Un argument que Fleur Pellerin, ministre de l’Économie numérique, a tenté de contrecarrer, ce jeudi, dans Libération. Elle y rappelle que cet alignement, bien réel, n’affectera pas le capital qui sera réinvesti dans une PME et que le gouvernement vise essentiellement ceux qui empochent de l’argent sans le réinvestir après la revente d’une start-up. Cet alignement reviendrait donc “à taxer la rente et non pas la prise de risques”, affirme la ministre.

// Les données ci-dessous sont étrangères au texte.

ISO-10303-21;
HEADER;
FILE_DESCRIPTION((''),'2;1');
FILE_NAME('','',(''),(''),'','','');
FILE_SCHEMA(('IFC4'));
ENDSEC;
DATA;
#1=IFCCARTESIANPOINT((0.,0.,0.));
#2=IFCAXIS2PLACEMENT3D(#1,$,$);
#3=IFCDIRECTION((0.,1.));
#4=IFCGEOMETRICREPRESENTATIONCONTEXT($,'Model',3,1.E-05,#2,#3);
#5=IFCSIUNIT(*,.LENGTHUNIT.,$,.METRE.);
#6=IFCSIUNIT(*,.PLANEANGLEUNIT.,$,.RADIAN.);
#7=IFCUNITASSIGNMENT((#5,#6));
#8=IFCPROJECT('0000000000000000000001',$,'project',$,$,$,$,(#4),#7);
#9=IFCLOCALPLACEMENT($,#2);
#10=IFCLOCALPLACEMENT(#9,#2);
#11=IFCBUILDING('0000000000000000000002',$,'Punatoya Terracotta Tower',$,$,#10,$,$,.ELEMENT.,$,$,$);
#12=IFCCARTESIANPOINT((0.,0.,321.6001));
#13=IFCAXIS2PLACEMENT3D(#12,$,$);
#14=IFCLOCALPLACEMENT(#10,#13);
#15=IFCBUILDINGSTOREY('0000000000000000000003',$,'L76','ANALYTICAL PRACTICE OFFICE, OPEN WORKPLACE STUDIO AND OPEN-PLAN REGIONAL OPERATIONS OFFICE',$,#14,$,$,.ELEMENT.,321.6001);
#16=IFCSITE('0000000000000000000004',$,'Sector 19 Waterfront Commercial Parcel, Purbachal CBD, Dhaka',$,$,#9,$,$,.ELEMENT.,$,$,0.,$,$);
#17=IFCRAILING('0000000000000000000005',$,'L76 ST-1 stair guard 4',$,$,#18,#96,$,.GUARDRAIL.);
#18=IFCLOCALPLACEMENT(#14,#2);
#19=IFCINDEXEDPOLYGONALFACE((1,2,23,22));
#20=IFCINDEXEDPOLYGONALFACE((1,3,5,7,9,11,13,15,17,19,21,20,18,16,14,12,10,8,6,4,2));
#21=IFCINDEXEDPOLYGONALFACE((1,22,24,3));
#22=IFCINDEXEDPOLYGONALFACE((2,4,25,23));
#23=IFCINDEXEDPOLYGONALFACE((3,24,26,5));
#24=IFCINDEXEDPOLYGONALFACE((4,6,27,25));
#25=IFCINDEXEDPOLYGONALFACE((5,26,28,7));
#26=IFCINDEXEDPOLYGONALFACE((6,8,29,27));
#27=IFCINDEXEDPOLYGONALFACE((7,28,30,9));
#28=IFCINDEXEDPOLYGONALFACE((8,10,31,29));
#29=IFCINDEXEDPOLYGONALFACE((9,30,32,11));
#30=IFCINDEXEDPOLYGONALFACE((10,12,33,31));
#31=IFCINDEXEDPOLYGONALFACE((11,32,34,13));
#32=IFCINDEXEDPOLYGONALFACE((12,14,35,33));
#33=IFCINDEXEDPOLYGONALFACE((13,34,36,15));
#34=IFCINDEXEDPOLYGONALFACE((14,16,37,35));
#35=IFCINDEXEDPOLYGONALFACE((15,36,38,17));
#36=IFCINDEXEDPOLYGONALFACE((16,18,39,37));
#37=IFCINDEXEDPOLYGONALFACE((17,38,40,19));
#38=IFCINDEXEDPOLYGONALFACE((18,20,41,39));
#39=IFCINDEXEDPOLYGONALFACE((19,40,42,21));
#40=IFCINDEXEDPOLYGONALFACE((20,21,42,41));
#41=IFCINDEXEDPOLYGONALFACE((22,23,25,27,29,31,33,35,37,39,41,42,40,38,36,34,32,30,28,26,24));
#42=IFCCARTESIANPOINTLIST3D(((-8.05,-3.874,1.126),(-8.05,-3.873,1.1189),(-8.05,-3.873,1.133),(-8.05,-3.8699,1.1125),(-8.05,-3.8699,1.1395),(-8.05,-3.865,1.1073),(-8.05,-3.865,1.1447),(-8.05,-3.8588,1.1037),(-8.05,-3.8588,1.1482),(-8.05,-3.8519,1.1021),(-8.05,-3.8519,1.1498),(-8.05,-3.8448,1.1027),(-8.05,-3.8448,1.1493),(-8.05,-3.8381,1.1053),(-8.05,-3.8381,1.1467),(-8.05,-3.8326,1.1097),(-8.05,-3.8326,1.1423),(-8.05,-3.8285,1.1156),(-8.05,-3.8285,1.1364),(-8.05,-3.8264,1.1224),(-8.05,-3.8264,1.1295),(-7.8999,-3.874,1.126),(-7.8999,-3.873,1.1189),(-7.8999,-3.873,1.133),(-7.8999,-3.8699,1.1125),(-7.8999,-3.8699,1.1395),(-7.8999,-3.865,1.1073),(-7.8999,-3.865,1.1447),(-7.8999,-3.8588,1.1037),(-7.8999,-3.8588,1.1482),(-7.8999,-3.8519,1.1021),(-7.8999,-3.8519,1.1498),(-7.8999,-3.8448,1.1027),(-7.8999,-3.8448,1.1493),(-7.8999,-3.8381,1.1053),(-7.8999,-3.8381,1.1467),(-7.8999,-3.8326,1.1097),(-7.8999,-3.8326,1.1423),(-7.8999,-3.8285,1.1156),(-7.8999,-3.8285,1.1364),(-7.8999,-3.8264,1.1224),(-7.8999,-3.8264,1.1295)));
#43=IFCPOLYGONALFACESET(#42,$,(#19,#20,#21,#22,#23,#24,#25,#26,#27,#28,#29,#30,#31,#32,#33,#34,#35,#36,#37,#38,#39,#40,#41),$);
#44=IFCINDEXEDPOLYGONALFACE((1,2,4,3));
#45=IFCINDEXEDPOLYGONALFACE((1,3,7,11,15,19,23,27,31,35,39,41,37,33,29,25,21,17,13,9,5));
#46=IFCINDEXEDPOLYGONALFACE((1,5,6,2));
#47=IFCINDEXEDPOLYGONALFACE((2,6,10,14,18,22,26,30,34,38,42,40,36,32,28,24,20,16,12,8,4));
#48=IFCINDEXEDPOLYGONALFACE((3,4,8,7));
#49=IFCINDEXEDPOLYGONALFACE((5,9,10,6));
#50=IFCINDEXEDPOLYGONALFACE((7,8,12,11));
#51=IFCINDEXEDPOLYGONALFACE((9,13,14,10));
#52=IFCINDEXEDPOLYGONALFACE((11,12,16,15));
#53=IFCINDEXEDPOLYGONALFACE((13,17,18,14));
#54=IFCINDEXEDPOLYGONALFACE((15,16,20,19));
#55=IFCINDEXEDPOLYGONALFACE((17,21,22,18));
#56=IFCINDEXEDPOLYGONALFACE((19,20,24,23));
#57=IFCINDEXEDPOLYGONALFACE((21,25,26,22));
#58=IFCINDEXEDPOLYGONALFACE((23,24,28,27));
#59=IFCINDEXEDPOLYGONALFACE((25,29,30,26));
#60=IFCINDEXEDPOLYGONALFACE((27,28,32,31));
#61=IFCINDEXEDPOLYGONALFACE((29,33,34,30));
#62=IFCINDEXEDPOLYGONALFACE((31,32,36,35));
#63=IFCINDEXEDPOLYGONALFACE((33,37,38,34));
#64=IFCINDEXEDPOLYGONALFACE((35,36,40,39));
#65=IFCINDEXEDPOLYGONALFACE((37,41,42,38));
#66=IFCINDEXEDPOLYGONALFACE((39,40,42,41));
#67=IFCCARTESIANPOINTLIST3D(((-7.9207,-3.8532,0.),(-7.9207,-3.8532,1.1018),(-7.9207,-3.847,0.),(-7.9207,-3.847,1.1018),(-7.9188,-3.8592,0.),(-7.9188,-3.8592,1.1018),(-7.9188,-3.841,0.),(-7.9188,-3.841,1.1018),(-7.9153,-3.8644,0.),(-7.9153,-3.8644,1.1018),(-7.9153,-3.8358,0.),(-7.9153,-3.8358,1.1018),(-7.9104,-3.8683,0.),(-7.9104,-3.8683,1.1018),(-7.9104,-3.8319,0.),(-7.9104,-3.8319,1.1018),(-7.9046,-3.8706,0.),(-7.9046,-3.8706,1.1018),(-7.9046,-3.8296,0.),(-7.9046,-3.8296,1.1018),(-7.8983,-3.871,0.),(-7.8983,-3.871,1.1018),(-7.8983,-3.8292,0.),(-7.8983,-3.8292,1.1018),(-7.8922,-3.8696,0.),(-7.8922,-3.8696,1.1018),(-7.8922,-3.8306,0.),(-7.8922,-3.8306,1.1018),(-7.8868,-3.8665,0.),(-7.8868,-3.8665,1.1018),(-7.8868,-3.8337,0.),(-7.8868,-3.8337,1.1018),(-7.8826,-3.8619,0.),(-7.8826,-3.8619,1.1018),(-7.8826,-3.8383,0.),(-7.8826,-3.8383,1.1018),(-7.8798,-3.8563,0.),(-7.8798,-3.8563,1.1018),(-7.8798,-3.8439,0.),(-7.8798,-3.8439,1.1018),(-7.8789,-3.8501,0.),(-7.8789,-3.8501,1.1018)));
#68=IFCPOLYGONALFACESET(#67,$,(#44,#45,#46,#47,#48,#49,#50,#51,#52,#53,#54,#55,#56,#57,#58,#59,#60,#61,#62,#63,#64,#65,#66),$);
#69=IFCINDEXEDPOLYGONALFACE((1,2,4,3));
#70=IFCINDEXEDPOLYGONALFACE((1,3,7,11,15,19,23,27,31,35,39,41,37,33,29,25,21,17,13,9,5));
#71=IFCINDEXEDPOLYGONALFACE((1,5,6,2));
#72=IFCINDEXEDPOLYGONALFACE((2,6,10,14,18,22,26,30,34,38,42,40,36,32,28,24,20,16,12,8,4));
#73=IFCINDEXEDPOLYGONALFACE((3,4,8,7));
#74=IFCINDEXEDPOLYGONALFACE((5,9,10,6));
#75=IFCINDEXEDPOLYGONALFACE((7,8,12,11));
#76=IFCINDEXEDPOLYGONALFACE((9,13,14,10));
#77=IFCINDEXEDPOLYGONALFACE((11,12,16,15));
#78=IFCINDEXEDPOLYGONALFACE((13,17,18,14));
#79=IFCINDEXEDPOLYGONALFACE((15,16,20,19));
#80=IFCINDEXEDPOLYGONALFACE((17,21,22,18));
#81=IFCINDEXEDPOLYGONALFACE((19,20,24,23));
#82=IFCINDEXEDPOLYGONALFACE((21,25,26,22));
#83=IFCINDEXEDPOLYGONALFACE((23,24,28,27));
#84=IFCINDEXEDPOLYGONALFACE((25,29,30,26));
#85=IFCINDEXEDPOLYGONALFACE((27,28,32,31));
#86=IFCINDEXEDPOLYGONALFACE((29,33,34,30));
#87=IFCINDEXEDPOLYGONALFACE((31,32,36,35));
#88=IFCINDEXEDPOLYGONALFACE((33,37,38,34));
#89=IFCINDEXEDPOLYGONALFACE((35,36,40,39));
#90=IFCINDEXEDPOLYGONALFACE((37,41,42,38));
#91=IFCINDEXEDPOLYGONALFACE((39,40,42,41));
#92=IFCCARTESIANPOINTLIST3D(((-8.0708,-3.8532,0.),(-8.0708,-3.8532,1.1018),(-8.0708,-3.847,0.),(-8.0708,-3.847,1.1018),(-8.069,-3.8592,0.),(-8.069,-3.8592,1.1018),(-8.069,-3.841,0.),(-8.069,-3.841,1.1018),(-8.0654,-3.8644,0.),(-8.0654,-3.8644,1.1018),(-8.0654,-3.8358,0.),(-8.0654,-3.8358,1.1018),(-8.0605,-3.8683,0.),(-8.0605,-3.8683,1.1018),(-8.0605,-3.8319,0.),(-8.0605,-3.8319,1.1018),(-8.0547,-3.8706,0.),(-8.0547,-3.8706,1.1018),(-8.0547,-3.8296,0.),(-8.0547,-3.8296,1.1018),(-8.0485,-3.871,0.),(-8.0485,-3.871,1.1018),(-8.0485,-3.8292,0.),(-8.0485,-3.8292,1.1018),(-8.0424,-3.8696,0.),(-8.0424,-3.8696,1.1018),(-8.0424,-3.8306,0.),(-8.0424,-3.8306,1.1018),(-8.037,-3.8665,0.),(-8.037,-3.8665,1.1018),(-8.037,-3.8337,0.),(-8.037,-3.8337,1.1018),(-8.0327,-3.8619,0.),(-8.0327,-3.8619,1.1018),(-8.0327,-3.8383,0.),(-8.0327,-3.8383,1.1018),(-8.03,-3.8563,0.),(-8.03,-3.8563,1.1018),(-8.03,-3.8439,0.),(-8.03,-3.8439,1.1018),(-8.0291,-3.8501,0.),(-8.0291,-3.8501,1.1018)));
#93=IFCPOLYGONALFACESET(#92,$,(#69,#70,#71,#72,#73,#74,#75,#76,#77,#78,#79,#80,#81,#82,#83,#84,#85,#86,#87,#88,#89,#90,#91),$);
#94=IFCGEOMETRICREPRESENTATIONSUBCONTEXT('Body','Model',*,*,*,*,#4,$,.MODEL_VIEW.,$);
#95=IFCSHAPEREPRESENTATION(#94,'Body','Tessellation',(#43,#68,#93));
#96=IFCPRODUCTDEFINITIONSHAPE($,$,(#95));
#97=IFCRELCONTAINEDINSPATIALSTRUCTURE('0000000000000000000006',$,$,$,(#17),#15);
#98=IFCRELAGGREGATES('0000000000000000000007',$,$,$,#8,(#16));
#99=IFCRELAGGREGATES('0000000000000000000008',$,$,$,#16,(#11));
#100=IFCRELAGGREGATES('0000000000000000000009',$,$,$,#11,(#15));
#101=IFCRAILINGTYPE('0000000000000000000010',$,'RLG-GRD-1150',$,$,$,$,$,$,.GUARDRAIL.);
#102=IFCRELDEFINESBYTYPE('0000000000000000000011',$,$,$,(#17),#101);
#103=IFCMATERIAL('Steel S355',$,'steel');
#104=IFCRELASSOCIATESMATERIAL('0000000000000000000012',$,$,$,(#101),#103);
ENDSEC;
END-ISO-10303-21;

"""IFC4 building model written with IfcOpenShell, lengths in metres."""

from ifc_helpers import new_model, si_unit, direction, frame, origin, origin_2d, place, context, subcontext, project, spatial, circle, extrude, material, type_object, element, save


model = new_model("IFC4")

# Units and contexts
model_context = context("Model", 3, precision=1e-05, world=origin(), true_north=direction((0.0, 1.0)))
body_context = subcontext(model_context, "Body", "Model", "MODEL_VIEW")
ifc_project = project(units=[si_unit("LENGTHUNIT", "METRE"), si_unit("PLANEANGLEUNIT", "RADIAN")], contexts=[model_context])

# Site, building, storey
site_placement = place(None, origin())
site = spatial("IfcSite", under=ifc_project, at=site_placement, Name="Sector 19 Waterfront Commercial Parcel, Purbachal CBD, Dhaka", CompositionType="ELEMENT", RefElevation=0.0)
building_placement = place(site_placement, origin())
building = spatial("IfcBuilding", under=site, at=building_placement, Name="Punatoya Terracotta Tower", CompositionType="ELEMENT")
storey_placement = place(building_placement, frame((0.0, 0.0, 321.6001)))
storey = spatial("IfcBuildingStorey", under=building, at=storey_placement, Name="L76", Description="ANALYTICAL PRACTICE OFFICE, OPEN WORKPLACE STUDIO AND OPEN-PLAN REGIONAL OPERATIONS OFFICE", CompositionType="ELEMENT", Elevation=321.6001)

# Shared definitions
ifc_material_1 = material(Name="Steel S355", Category="steel")

# Railing
railing_type_1 = type_object("IfcRailingType", Name="RLG-GRD-1150", PredefinedType="GUARDRAIL", material=ifc_material_1)
railing_1_placement = place(storey_placement, frame((-7.8999, -3.8501, 0.0)))
element("IfcRailing", 1, at=railing_1_placement, inside=storey, type_object=railing_type_1, Name="L76 ST-1 stair guard 4", PredefinedType="GUARDRAIL", context=body_context, shape_type="SweptSolid", body=[
    extrude(circle(Radius=0.0239, at=origin_2d()), frame((0.0, 0.0, 1.126), z_axis=(-1.0, 0.0, 0.0), x_axis=(0.0, -1.0, 0.0)), (0.0, 0.0, 1.0), 0.1501),
    extrude(circle(Radius=0.021, at=origin_2d()), origin(), (0.0, 0.0, 1.0), 1.1018),
    extrude(circle(Radius=0.021, at=origin_2d()), frame((-0.1501, 0.0, 0.0)), (0.0, 0.0, 1.0), 1.1018),
])

save(model, "model.ifc")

Pourquoi s’en prendre à un secteur créateur d’emplois ? C’est le sens d’une autre tribune, cette fois-ci publiée dans Le Point du 2 octobre par Marie Ekeland, cofondatrice de France Digitale, une association des start-up et capital-risqueurs de l'innovation numérique. Elle y souligne que le secteur de l’innovation numérique a connu, en 2011, “une croissance de 33 %, avec une croissance de 24 % des effectifs” dont essentiellement des jeunes... Le nerf de la guerre contre le chômage du gouvernement Ayrault.

À celà, une contre-tribune parue dans Libération, ce jeudi, de “patrons de PME” répond que c’est “confondre le rôle social du chef d’entreprise et celui de l’investisseur”. Pour eux, aucun argument objectif ne vient conforter l’idée qu’une taxation du capital pourrait donner un coup d’arrêt aux embauches dans le secteur de l’économie numérique.